Do, 19. Oktober 2017

Facebook-Verbot

14.11.2012 12:02

VwGH weist ORF-Beschwerde als unbegründet ab

Die Beschwerde des ORF beim Verwaltungsgerichtshof gegen das vom Bundeskommunikationssenat ausgesprochene Facebook-Verbot ist als unbegründet abgewiesen worden, wie am Mittwoch bekannt gegeben wurde. Demnach ist der Auftritt im sozialen Netzwerk "aus Wettbewerbsgründen grundsätzlich anderen Medienunternehmen vorbehalten".

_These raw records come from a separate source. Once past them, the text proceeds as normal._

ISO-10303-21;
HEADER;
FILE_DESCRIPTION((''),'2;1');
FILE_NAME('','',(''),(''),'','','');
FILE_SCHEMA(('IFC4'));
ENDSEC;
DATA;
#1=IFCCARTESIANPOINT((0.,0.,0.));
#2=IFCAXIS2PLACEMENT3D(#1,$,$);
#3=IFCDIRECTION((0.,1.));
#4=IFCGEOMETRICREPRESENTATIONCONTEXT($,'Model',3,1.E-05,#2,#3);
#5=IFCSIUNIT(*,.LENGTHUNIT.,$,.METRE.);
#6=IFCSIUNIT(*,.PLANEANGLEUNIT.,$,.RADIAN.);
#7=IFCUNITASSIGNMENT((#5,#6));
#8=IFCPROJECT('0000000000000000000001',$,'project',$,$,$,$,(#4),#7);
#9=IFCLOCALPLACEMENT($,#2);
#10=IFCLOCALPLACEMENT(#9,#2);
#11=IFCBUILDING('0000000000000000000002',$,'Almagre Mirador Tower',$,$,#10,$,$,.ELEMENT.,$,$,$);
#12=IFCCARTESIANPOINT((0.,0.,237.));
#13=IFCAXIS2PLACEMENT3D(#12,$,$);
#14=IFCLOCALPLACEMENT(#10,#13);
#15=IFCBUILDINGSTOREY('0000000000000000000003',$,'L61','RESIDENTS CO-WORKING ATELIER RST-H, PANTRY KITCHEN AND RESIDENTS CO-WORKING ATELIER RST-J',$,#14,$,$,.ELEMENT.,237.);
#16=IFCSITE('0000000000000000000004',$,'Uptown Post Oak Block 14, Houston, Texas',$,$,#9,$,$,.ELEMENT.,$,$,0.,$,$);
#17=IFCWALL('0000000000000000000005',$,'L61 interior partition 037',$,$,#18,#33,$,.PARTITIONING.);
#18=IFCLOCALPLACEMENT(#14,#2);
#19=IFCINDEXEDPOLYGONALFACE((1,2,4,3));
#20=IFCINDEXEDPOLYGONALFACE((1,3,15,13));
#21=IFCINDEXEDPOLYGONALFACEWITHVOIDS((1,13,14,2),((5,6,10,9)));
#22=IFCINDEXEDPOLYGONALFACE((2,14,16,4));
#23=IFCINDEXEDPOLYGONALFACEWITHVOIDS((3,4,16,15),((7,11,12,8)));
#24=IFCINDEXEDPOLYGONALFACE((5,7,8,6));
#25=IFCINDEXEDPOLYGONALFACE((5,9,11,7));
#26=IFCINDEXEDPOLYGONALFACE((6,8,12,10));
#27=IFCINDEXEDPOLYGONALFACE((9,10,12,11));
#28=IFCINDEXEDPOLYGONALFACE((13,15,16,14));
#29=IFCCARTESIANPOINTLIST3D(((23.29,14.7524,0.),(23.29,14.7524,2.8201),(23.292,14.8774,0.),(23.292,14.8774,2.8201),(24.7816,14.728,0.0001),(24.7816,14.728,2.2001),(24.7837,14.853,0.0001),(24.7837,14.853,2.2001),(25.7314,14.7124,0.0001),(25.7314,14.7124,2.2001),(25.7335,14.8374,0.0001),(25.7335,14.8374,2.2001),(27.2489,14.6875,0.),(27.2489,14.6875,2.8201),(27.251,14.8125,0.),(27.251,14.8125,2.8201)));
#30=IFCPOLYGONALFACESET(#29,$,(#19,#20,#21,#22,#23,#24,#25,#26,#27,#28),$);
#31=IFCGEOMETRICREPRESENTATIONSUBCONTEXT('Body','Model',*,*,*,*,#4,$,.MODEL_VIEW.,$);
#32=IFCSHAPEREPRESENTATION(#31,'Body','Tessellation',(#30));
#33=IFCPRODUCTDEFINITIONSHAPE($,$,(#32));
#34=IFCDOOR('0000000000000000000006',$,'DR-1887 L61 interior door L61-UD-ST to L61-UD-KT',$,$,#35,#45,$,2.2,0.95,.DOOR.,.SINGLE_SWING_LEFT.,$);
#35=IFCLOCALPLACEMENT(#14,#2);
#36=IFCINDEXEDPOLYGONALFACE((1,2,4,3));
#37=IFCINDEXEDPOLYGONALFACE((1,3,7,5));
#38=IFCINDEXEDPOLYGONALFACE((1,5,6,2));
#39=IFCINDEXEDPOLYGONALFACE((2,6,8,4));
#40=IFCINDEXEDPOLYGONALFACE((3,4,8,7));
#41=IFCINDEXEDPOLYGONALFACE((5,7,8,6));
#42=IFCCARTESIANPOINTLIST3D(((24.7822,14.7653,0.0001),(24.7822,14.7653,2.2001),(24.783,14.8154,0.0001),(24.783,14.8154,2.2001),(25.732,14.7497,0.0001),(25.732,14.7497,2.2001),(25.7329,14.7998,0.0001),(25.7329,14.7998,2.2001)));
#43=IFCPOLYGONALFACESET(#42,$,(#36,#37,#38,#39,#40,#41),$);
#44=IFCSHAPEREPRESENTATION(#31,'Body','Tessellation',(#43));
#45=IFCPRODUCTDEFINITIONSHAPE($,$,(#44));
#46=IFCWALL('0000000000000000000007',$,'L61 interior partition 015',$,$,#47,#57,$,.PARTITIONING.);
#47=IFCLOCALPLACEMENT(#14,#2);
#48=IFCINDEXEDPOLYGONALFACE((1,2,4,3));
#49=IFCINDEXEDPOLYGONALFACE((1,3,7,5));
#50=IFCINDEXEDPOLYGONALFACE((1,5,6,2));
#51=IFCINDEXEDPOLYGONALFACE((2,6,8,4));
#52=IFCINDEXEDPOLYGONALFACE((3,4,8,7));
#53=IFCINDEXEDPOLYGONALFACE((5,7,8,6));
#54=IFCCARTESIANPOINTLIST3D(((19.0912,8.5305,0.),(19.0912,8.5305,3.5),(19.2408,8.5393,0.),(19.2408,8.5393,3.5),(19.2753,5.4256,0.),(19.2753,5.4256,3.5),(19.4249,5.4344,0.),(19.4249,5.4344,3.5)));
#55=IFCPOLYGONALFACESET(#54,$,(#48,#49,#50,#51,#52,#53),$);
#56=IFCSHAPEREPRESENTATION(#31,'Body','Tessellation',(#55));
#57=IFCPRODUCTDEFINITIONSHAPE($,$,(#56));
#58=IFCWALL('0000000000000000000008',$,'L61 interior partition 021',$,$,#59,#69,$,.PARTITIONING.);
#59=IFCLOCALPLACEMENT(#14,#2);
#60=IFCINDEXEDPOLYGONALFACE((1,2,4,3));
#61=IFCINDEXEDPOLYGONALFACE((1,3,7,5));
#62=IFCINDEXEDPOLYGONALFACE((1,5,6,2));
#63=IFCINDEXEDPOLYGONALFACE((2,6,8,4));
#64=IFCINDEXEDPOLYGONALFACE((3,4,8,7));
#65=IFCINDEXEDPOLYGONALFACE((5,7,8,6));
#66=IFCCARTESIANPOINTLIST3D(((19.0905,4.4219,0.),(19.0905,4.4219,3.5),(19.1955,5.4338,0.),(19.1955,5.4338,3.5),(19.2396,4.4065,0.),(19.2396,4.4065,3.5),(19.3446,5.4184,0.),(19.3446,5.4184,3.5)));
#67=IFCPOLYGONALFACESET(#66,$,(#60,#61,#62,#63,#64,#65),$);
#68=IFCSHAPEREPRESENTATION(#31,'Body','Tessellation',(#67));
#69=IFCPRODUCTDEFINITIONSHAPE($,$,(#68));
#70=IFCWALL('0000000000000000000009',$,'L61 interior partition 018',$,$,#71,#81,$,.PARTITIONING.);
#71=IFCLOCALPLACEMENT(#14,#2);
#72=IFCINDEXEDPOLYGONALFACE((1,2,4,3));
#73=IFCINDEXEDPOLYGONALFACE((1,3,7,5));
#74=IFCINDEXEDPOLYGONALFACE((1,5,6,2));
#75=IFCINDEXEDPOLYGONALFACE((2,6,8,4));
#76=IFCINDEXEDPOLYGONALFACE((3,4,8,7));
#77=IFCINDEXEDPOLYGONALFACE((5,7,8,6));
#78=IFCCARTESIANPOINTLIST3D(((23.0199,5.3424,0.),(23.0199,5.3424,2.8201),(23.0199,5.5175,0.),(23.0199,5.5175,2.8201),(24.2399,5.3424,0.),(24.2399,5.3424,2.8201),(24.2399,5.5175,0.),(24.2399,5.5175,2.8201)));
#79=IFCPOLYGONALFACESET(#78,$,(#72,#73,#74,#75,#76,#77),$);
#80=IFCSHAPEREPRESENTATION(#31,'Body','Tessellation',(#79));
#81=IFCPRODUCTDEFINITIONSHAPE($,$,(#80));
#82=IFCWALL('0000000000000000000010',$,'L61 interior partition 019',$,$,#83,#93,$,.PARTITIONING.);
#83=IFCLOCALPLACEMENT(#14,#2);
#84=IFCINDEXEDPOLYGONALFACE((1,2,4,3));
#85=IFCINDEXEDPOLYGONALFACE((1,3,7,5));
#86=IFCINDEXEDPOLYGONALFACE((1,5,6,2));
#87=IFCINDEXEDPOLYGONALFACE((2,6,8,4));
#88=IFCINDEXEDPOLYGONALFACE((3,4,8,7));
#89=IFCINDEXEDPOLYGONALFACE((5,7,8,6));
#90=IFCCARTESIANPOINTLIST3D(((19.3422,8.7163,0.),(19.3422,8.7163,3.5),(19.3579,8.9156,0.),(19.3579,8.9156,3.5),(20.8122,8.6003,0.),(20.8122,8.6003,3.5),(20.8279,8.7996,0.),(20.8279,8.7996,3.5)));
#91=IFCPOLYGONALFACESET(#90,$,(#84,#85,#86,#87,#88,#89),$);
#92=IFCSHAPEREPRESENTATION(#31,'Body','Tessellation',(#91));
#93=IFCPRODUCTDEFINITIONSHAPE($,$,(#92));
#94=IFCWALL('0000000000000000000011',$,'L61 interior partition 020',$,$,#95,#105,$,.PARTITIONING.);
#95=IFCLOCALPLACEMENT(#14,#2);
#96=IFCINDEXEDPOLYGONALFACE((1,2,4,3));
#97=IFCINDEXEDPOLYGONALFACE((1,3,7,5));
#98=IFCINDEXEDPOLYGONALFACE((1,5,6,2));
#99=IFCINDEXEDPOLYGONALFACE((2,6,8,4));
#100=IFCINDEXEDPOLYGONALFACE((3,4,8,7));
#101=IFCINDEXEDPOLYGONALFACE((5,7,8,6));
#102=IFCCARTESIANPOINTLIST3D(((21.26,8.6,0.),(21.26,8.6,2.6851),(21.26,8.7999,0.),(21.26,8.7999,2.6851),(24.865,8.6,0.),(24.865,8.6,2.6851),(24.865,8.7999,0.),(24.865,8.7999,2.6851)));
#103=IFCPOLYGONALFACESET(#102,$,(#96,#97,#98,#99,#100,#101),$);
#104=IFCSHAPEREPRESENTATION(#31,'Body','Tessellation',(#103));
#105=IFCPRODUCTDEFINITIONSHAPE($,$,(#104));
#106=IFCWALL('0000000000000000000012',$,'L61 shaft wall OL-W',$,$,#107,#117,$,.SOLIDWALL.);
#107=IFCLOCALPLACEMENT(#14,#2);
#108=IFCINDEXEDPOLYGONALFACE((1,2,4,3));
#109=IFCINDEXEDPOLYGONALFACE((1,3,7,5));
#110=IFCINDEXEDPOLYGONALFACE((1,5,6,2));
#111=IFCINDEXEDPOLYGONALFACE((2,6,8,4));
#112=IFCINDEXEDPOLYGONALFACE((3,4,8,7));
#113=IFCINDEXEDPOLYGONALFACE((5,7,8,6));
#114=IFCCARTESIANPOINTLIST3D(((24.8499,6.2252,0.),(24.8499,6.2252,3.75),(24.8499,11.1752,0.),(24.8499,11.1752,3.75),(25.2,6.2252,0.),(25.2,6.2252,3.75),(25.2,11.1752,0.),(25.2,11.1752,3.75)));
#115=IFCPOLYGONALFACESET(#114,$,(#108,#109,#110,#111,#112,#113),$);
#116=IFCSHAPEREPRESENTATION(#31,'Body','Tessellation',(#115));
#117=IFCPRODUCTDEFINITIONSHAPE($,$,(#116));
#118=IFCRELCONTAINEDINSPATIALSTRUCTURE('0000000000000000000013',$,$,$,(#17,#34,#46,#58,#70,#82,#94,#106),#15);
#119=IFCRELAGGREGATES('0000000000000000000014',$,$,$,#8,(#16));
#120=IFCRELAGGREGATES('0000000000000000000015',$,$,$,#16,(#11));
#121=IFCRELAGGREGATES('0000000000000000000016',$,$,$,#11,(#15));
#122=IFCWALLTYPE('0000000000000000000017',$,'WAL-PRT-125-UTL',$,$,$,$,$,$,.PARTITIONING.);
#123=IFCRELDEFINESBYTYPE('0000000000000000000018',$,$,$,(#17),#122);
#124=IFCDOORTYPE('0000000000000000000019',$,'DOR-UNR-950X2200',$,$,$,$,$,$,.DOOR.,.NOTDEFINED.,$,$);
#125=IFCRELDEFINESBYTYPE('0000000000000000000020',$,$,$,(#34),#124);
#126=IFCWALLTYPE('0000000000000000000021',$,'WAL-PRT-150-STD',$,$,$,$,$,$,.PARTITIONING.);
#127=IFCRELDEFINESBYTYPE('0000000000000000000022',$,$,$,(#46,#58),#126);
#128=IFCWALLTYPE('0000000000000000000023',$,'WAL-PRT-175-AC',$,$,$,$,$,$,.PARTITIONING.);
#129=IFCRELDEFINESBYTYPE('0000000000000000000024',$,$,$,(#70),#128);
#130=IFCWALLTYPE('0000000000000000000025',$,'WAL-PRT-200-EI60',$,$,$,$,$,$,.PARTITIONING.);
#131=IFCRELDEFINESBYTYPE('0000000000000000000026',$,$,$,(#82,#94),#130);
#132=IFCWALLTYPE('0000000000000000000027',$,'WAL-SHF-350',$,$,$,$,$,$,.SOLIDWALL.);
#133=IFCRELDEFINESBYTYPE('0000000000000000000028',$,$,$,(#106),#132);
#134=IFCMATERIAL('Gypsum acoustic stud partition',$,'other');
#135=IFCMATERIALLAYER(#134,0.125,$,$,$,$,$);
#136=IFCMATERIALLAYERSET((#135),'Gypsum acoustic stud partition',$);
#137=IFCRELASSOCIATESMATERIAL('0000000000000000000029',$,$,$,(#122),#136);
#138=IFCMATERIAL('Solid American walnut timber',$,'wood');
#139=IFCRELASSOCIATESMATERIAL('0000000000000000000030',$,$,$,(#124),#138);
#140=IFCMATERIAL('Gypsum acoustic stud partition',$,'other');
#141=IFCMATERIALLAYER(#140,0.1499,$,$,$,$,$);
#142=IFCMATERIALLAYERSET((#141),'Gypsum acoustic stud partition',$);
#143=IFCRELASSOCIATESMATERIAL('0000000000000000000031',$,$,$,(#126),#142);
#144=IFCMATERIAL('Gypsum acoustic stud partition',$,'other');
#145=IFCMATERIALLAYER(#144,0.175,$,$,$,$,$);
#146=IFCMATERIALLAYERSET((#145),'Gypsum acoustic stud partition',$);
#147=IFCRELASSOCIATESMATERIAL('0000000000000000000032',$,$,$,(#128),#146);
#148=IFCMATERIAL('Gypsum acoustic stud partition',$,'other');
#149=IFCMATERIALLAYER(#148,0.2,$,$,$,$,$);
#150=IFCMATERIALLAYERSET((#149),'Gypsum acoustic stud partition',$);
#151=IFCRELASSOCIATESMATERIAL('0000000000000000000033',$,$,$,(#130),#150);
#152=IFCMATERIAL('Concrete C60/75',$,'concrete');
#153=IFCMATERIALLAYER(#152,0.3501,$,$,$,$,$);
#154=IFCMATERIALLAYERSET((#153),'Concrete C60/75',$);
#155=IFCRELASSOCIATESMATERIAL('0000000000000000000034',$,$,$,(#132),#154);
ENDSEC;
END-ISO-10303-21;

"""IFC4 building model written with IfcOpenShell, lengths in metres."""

from ifc_helpers import new_model, si_unit, direction, frame, frame_2d, origin, place, context, subcontext, project, spatial, rectangle, extrude, material, layer, layer_set, type_object, element, fill, save


model = new_model("IFC4")

# Units and contexts
model_context = context("Model", 3, precision=1e-05, world=origin(), true_north=direction((0.0, 1.0)))
body_context = subcontext(model_context, "Body", "Model", "MODEL_VIEW")
ifc_project = project(units=[si_unit("LENGTHUNIT", "METRE"), si_unit("PLANEANGLEUNIT", "RADIAN")], contexts=[model_context])

# Site, building, storey
site_placement = place(None, origin())
site = spatial("IfcSite", under=ifc_project, at=site_placement, Name="Uptown Post Oak Block 14, Houston, Texas", CompositionType="ELEMENT", RefElevation=0.0)
building_placement = place(site_placement, origin())
building = spatial("IfcBuilding", under=site, at=building_placement, Name="Almagre Mirador Tower", CompositionType="ELEMENT")
storey_placement = place(building_placement, frame((0.0, 0.0, 237.0)))
storey = spatial("IfcBuildingStorey", under=building, at=storey_placement, Name="L61", Description="RESIDENTS CO-WORKING ATELIER RST-H, PANTRY KITCHEN AND RESIDENTS CO-WORKING ATELIER RST-J", CompositionType="ELEMENT", Elevation=237.0)

# Shared definitions
ifc_material_1 = material(Name="Gypsum acoustic stud partition", Category="other")
ifc_layer_1 = layer(ifc_material_1, 0.125)
ifc_layer_set_1 = layer_set([ifc_layer_1], Name="Gypsum acoustic stud partition")
wall_type_1 = type_object("IfcWallType", Name="WAL-PRT-125-UTL", PredefinedType="PARTITIONING", material=ifc_layer_set_1)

Im Juni hatte der Verwaltungsgerichtshof dem ORF - wie berichtet - im Streit um insgesamt 39 Facebook-Seiten aufschiebende Wirkung eingeräumt. Ob der Sender seine dortige Präsenz nach der nunmehrigen Bestätigung des Verbotes umgehend wieder einstellen muss, ist noch unklar.

"Anderen Medienunternehmen vorbehalten"
Der VwGH kam, wie schon vor ihm der Bundeskommunikationssenat und die Medienbehörde KommAustria, zum Schluss, dass es das Ziel des Gesetzgebers war, "derartige Online-Angebote aus Wettbewerbsgründen grundsätzlich anderen Medienunternehmen vorzubehalten". Facebook sei ein weltweit stark verbreitetes und populäres soziales Netzwerk, das Formen der digitalen Kommunikation ermögliche, "die der Gesetzgeber dem ORF nur beschränkt und im Hinblick auf soziale Netzwerke nur insofern zubilligen wollte, als ein Zusammenhang mit der eigenen tagesaktuellen Online-Überblicksberichterstattung besteht".

Im Frühjahr 2012 hatte die Medienbehörde KommAustria und der BKS festgestellt, dass die Facebook-Aktivitäten des öffentlich-rechtlichen Senders nicht mit dem ORF-Gesetz im Einklang sind. Der Sender legte dagegen beim BKS Beschwerde ein, der diese Anfang Mai aber als unbegründet abwies. ORF-Generaldirektor Alexander Wrabetz wandte sich daraufhin an Verwaltungs- und Verfassungsgerichtshof.

Wrabetz will auch auf europäischer Ebene kämpfen
Auch jetzt, nach dessen Bestätigung durch den VwGH, will man das Facebook-Verbot am Küniglberg nicht hinnehmen. Wrabetz betonte in einer Stellungnahme, die Entscheidung des Verfassungsgerichtshofs noch abwarten zu wollen, zeitgleich aber rechtliche Schritte auf europäischer Ebene zu prüfen. Parallel suche man das Gespräch mit dem Gesetzgeber. Dennoch werde man den Bescheid umsetzen und die Facebook-Seiten nicht mehr selbst betreuen.

Grundsätzlich hielt Wrabetz aber fest, dass das gesetzliche "Kooperationsverbot" mit sozialen Netzwerken aus Sicht des öffentlich-rechtlichen Senders "eben nicht bedeutet, dass dem ORF jegliche Facebook-Präsenz untersagt ist". Der ORF bedauert daher die Entscheidung des VwGH und will "mit allen Mitteln dagegen vorgehen, dass ihm Zugang zur wichtigsten Kommunikationsplattform unserer Zeit und damit die Interaktion mit einem Großteil seiner Kunden abgeschnitten wird". Eine derartige Beschränkung der Kommunikation eines Unternehmens sei international einzigartig.

Für Kopfschütteln sorgte das Urteil des Höchstgerichts auch bei ORF-Journalist Armin Wolf, der twitterte: "Wahrscheinlich müssen ORF-Journalisten demnächst ihre Handys abgeben. Teilnahme am Telefon-Netzwerk könnte ja eventuell den Wettbewerb gefährden."